Im Einzelnen sind die Abschnitte, die sich der Analyse von Pilatusbildern widmen, besonders gelungen. Es gelingt H. z. B., nachvollziehbar zu machen, welche Ziele Philo mit seiner negativen Darstellung verfolgt oder warum die Evangelien zunehmend Pilatus von der Schuld am Tod Jesu entlasten, ohne freilich (jedenfalls in den kanonisch gewordenen Evangelien) sie »allen« Juden zuzuschieben. Der letzte Abschnitt, so skizzenhaft er aufgrund der Vorgaben der Reihe bleiben muss, bietet einige sehr interessante und reizvolle Beispiele aus der Rezeptionsgeschichte (bis hin zur Trivialliteratur) und gute Hinweise, wo man mehr erfahren könnte.

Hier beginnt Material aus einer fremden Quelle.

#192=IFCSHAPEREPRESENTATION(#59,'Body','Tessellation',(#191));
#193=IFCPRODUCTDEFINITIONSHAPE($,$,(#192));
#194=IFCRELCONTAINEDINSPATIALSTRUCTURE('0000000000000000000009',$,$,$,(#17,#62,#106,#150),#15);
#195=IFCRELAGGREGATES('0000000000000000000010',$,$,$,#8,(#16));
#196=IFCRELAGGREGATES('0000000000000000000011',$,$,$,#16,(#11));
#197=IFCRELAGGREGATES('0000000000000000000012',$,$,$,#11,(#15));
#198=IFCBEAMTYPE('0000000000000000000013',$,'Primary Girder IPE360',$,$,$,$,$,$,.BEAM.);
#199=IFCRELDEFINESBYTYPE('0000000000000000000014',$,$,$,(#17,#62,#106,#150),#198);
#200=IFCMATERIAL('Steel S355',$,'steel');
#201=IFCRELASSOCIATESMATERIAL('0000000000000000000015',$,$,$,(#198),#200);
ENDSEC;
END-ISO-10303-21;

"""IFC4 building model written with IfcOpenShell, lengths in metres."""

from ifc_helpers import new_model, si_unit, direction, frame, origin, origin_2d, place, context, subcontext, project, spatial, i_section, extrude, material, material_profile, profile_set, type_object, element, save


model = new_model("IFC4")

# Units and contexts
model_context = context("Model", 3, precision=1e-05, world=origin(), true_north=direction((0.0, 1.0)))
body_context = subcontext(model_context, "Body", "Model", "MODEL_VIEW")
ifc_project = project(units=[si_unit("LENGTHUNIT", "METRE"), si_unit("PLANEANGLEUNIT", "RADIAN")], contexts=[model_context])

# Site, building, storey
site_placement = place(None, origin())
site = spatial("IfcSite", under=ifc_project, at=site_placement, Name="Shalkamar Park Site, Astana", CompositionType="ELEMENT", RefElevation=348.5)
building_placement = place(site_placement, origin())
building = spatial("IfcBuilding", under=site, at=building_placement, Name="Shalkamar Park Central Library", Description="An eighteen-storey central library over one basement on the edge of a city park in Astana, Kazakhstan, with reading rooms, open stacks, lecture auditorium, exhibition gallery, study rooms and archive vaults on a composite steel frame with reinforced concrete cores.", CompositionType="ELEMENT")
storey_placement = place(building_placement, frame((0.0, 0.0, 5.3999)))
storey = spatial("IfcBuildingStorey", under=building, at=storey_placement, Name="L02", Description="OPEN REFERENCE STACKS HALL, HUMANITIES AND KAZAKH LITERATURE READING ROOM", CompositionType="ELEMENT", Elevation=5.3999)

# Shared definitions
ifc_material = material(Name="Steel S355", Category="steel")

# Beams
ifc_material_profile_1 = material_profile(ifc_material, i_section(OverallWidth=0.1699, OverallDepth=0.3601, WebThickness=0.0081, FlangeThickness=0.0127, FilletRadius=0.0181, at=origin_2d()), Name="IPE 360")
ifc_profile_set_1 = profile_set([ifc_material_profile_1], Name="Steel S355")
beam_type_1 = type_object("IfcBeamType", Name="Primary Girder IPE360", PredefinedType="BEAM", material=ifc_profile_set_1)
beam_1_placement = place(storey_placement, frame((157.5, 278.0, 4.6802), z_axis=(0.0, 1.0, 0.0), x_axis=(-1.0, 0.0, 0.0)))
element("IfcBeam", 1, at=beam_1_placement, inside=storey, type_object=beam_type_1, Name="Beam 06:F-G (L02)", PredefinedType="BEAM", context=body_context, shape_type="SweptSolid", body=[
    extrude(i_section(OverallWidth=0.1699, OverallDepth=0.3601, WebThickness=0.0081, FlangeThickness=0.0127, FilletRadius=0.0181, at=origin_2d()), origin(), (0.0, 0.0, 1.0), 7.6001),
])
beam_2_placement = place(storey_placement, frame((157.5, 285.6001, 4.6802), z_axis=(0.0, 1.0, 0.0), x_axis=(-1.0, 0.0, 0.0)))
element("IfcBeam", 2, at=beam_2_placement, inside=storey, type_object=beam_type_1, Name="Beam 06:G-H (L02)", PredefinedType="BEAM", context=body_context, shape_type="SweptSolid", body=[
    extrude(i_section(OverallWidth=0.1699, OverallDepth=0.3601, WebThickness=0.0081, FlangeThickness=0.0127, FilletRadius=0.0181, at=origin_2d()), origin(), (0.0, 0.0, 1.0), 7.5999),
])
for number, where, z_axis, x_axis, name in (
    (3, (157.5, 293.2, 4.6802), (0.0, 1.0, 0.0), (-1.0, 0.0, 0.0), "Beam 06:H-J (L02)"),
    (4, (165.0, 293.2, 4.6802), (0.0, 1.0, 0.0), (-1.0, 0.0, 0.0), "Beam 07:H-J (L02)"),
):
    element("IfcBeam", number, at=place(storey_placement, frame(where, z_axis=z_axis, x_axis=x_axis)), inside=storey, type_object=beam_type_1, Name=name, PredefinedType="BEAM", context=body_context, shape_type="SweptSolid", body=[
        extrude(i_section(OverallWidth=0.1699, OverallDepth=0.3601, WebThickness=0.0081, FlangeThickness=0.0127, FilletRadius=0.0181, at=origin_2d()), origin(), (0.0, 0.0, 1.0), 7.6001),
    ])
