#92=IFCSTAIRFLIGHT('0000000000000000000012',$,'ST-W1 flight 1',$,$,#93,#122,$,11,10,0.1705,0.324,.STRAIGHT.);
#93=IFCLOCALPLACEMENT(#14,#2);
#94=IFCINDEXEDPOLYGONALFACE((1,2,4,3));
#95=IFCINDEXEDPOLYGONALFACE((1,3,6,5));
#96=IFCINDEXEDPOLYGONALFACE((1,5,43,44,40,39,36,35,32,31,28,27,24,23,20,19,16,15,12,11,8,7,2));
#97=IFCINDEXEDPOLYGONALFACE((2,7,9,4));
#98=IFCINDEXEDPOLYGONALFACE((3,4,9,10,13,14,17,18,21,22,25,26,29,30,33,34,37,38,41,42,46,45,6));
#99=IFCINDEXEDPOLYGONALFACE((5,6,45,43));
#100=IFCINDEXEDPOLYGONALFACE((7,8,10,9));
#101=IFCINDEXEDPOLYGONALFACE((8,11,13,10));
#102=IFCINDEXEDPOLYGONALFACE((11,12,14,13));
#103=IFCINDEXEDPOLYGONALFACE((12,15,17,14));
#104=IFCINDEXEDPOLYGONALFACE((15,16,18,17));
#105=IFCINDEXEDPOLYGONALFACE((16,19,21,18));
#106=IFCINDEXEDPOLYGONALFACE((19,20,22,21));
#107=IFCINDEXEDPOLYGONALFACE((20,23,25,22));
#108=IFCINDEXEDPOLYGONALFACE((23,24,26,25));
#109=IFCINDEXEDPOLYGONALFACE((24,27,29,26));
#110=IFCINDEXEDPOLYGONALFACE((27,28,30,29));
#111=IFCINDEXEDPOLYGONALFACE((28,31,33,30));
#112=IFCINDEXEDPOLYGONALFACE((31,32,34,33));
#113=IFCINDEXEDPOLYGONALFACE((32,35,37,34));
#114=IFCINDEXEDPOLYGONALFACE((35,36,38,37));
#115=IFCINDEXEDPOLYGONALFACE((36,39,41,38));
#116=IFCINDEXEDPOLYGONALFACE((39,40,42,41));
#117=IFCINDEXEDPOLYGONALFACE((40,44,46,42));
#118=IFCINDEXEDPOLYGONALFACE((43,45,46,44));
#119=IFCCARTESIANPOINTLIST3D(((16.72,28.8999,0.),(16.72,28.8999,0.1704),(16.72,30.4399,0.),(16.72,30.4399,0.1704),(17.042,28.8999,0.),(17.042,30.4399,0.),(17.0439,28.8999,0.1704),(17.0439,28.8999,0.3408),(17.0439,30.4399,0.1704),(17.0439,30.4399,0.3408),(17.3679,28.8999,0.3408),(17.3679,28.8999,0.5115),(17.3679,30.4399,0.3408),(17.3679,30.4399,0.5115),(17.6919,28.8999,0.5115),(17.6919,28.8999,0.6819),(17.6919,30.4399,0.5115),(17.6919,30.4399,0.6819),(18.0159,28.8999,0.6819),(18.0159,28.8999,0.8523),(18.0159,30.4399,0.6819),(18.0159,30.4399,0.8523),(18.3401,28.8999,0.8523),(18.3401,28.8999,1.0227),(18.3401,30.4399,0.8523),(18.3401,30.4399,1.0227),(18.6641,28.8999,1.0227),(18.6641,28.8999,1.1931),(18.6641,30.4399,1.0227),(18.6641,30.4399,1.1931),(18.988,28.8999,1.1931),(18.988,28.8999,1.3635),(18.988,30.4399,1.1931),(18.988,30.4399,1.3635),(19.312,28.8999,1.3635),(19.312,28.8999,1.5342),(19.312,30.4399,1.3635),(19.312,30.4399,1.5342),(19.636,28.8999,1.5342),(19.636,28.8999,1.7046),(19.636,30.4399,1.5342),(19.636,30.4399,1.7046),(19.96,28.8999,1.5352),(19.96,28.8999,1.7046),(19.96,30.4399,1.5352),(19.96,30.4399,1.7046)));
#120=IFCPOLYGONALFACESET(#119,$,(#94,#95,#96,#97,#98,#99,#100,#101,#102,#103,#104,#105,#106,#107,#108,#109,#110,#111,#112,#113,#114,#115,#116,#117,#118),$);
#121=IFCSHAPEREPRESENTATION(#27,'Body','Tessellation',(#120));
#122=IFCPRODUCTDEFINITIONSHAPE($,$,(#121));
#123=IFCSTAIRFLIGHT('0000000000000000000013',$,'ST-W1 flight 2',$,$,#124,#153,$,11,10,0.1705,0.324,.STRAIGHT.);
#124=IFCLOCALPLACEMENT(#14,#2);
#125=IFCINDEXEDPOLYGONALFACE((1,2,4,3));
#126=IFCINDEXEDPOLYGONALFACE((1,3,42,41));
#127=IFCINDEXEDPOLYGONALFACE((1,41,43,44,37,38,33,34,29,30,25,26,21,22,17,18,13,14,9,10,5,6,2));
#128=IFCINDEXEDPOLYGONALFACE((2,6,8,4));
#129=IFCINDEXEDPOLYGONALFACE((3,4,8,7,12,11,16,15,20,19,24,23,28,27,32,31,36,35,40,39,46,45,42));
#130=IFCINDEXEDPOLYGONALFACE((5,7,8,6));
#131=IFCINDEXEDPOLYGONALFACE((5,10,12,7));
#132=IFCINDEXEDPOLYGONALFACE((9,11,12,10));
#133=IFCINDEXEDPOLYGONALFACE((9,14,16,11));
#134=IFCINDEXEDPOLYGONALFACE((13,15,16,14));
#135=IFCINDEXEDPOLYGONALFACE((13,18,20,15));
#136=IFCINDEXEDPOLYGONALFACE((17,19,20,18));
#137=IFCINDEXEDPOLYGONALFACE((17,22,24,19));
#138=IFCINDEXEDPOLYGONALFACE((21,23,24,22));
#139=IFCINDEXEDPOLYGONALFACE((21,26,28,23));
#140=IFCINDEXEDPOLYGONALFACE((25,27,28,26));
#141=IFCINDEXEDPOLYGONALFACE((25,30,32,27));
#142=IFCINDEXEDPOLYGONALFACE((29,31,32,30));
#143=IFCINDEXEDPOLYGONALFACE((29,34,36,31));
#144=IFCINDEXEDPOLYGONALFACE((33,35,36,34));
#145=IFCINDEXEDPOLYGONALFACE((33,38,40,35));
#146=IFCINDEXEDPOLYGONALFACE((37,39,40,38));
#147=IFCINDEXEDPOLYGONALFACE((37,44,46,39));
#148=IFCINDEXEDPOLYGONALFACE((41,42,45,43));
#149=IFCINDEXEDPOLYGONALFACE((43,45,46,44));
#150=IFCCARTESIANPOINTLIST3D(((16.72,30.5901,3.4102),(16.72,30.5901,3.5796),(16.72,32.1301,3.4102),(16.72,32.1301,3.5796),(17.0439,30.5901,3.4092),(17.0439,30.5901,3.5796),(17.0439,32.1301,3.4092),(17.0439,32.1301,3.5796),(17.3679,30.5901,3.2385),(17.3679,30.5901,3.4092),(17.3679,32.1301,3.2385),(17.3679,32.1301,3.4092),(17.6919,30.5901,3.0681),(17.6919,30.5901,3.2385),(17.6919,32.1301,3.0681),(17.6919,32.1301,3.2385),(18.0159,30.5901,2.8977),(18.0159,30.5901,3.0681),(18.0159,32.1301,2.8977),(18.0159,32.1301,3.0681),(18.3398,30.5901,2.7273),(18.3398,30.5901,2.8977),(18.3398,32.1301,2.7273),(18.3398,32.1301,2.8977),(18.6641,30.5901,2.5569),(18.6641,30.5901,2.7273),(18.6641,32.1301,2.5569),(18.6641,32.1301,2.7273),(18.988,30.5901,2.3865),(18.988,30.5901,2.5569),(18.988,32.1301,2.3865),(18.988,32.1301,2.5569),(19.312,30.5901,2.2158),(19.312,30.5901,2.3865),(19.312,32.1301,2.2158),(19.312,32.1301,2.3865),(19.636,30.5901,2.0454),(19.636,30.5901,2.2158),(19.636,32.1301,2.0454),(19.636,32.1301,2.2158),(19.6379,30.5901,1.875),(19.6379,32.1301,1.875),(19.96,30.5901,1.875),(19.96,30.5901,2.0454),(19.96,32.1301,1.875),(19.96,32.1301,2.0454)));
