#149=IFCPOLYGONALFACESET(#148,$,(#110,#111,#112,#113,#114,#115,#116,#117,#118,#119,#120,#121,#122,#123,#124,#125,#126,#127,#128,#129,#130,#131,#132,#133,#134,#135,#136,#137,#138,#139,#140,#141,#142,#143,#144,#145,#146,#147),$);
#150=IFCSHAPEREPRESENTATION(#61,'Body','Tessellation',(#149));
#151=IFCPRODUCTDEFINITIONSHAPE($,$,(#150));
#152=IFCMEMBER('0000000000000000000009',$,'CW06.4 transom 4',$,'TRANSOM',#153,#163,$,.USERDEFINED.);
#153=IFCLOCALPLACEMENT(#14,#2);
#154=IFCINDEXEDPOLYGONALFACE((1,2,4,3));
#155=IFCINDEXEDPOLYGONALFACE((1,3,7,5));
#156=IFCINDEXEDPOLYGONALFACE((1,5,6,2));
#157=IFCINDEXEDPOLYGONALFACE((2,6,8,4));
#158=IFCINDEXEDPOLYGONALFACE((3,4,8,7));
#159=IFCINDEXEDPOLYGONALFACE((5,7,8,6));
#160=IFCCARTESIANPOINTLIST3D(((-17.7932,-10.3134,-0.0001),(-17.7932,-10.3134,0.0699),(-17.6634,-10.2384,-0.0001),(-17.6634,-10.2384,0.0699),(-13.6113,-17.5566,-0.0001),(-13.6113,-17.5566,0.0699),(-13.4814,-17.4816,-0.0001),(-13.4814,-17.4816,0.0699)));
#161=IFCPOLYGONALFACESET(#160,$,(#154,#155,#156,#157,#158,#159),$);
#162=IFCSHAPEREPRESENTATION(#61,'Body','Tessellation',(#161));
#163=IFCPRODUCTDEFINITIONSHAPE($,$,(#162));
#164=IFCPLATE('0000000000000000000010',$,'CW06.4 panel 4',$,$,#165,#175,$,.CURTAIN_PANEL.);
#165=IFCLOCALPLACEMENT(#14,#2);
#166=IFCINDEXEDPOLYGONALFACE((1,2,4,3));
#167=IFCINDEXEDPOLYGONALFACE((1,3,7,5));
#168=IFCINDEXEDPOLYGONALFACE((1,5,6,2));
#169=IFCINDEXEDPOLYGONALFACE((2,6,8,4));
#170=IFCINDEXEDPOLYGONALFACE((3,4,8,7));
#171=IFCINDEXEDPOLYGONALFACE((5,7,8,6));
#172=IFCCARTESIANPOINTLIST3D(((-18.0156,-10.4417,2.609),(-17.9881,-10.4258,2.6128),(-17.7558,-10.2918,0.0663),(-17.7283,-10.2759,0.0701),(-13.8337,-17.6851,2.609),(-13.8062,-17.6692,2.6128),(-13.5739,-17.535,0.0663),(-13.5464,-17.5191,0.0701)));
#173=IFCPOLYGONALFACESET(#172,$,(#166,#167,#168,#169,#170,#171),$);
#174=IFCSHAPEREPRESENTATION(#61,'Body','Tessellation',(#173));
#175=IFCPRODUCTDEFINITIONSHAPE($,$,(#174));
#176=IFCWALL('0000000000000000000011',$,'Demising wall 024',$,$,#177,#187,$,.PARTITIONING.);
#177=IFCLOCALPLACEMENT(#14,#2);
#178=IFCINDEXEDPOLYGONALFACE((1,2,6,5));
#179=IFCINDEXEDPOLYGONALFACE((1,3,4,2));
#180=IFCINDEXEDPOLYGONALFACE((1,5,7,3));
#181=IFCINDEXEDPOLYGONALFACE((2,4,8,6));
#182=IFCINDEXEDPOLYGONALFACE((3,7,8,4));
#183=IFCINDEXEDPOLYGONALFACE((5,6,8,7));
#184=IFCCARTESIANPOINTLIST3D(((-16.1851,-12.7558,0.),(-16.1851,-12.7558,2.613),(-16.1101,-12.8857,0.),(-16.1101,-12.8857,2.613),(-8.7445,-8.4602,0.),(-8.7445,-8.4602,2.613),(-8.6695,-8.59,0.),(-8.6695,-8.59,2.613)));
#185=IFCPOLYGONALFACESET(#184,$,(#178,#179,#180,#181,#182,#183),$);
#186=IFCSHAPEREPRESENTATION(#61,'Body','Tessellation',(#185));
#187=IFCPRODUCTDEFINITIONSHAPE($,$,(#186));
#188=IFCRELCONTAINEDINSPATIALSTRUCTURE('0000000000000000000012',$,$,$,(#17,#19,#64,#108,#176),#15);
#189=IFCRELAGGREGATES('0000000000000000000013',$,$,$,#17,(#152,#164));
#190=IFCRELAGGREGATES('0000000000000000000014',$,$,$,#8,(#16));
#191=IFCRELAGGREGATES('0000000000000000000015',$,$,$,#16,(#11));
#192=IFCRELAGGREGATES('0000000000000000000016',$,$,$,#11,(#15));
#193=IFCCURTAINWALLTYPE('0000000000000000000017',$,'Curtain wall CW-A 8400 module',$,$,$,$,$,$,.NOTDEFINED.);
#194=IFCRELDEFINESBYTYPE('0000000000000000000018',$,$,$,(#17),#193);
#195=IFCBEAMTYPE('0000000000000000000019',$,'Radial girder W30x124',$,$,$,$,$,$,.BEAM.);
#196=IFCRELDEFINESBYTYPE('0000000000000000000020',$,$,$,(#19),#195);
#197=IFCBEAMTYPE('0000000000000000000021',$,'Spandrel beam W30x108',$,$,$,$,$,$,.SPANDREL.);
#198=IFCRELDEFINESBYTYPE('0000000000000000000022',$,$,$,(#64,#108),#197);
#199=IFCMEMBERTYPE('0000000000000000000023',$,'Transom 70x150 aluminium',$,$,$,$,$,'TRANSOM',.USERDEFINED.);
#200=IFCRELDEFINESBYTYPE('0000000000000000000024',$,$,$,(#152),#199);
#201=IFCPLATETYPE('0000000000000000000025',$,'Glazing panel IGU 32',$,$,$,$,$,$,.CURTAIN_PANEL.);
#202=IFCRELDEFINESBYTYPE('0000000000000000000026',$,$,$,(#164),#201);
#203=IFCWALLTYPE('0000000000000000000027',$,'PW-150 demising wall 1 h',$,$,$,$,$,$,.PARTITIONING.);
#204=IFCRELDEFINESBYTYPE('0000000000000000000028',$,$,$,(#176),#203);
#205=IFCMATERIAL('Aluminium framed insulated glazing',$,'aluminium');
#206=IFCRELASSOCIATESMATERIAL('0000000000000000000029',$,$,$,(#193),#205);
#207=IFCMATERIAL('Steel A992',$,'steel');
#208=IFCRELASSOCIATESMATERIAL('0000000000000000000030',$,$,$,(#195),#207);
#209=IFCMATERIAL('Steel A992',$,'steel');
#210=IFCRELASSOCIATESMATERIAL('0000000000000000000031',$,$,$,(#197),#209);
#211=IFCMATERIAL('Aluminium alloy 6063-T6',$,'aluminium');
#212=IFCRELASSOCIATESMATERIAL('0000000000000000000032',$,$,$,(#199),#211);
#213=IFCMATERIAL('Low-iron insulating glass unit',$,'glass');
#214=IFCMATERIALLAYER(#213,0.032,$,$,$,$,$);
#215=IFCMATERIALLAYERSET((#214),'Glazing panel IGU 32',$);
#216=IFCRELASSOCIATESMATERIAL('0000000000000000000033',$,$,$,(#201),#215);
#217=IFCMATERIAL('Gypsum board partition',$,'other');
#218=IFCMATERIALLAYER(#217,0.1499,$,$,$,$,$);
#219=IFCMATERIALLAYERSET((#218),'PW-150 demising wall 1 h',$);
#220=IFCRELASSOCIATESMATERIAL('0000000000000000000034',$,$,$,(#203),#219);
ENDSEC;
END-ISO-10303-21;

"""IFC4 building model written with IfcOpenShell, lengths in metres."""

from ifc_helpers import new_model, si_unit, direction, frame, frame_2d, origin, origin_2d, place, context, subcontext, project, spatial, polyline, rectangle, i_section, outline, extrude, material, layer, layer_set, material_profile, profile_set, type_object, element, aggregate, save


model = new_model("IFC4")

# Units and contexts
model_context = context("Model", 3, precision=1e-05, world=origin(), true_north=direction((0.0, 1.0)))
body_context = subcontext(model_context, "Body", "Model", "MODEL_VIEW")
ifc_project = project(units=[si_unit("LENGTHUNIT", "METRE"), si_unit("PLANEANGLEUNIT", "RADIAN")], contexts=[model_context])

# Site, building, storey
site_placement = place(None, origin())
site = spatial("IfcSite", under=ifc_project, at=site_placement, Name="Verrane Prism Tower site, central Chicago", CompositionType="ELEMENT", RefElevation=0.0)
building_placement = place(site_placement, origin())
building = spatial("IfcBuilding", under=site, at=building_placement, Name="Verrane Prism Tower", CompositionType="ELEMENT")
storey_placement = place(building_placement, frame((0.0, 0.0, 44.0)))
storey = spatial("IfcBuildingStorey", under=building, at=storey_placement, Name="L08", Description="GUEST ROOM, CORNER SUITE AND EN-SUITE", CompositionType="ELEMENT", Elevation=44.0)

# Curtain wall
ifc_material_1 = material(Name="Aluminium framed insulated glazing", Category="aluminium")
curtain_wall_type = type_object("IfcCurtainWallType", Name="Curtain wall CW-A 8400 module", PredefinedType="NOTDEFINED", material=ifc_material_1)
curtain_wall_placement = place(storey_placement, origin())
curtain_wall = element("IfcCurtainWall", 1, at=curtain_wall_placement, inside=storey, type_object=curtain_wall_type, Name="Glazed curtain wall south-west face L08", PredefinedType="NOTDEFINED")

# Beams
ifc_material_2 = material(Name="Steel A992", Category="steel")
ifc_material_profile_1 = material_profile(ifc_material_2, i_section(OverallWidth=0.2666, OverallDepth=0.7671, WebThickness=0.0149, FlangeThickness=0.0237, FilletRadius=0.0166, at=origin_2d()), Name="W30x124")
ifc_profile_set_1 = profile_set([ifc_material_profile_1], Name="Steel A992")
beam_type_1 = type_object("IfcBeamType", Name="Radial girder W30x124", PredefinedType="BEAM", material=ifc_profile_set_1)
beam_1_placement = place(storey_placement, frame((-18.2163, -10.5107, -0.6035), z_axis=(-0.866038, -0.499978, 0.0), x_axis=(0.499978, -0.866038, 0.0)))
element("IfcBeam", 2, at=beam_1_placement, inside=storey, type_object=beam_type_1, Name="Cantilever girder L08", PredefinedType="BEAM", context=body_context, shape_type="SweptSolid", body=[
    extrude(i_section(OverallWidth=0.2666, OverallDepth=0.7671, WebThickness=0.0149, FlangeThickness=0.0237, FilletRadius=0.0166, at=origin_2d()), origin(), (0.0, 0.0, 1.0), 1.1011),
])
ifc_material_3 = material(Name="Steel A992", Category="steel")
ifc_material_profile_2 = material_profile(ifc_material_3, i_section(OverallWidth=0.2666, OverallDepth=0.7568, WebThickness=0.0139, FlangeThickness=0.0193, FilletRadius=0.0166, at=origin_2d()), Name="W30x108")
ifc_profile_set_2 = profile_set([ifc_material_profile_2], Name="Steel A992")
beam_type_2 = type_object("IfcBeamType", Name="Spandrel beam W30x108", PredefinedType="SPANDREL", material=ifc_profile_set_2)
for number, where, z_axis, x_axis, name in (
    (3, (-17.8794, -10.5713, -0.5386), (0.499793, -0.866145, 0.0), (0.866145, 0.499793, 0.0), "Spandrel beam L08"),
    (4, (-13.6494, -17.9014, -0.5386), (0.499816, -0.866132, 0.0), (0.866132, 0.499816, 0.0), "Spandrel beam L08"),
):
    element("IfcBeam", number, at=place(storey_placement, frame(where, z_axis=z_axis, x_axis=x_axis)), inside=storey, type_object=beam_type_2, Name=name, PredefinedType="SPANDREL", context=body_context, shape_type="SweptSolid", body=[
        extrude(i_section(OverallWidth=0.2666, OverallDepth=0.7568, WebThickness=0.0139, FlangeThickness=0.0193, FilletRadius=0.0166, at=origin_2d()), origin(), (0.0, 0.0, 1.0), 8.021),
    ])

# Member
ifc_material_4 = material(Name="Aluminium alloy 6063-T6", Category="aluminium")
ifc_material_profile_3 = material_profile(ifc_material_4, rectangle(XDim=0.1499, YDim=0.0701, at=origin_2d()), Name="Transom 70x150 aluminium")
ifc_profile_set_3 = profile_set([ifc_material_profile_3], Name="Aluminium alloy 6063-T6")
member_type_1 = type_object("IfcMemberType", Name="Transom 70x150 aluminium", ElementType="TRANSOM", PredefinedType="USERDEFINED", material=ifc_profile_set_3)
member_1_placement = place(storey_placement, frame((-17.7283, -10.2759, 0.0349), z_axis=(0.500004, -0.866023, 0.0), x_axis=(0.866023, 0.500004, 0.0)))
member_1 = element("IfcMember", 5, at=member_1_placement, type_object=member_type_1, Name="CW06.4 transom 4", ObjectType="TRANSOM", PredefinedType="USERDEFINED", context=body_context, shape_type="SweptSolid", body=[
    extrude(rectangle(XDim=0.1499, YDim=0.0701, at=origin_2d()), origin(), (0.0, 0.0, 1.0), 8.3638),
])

Was die historische Rekonstruktion angeht, bewegt man sich – insbesondere bei »Prozess« und Hinrichtung Jesu – natürlich auf unsicherem und höchst umstrittenem Terrain. Man könnte da-her sicherlich zu vielem, was H. schreibt, alternative Meinungen finden, z. B. in den Teilen der Geschichtswissenschaft und der Bi­belwissenschaft, die der römischen imperialen Herrschaft gegenüber grundsätzlich kritischer eingestellt sind als er. Seine Posi-tion ist aber jedenfalls immer gut begründet, differenziert und vertretbar.
Im Lateinischen sind ein paar Versehen stehen geblieben (27: equites ordo publico, 28: legio decimanus). Die Karte auf S. 46 ist arg handgemacht und unscharf. Doch ansonsten ist der Band sorgfältig und mit zahlreichen instruktiven Abbildungen auch ansprechend gestaltet. Unter Theologen und in einem breiteren Publikum kann man ihm weite Verbreitung und Erfolg wünschen – und auf weitere Bände in der Reihe »Biblische Gestalten« hoffen.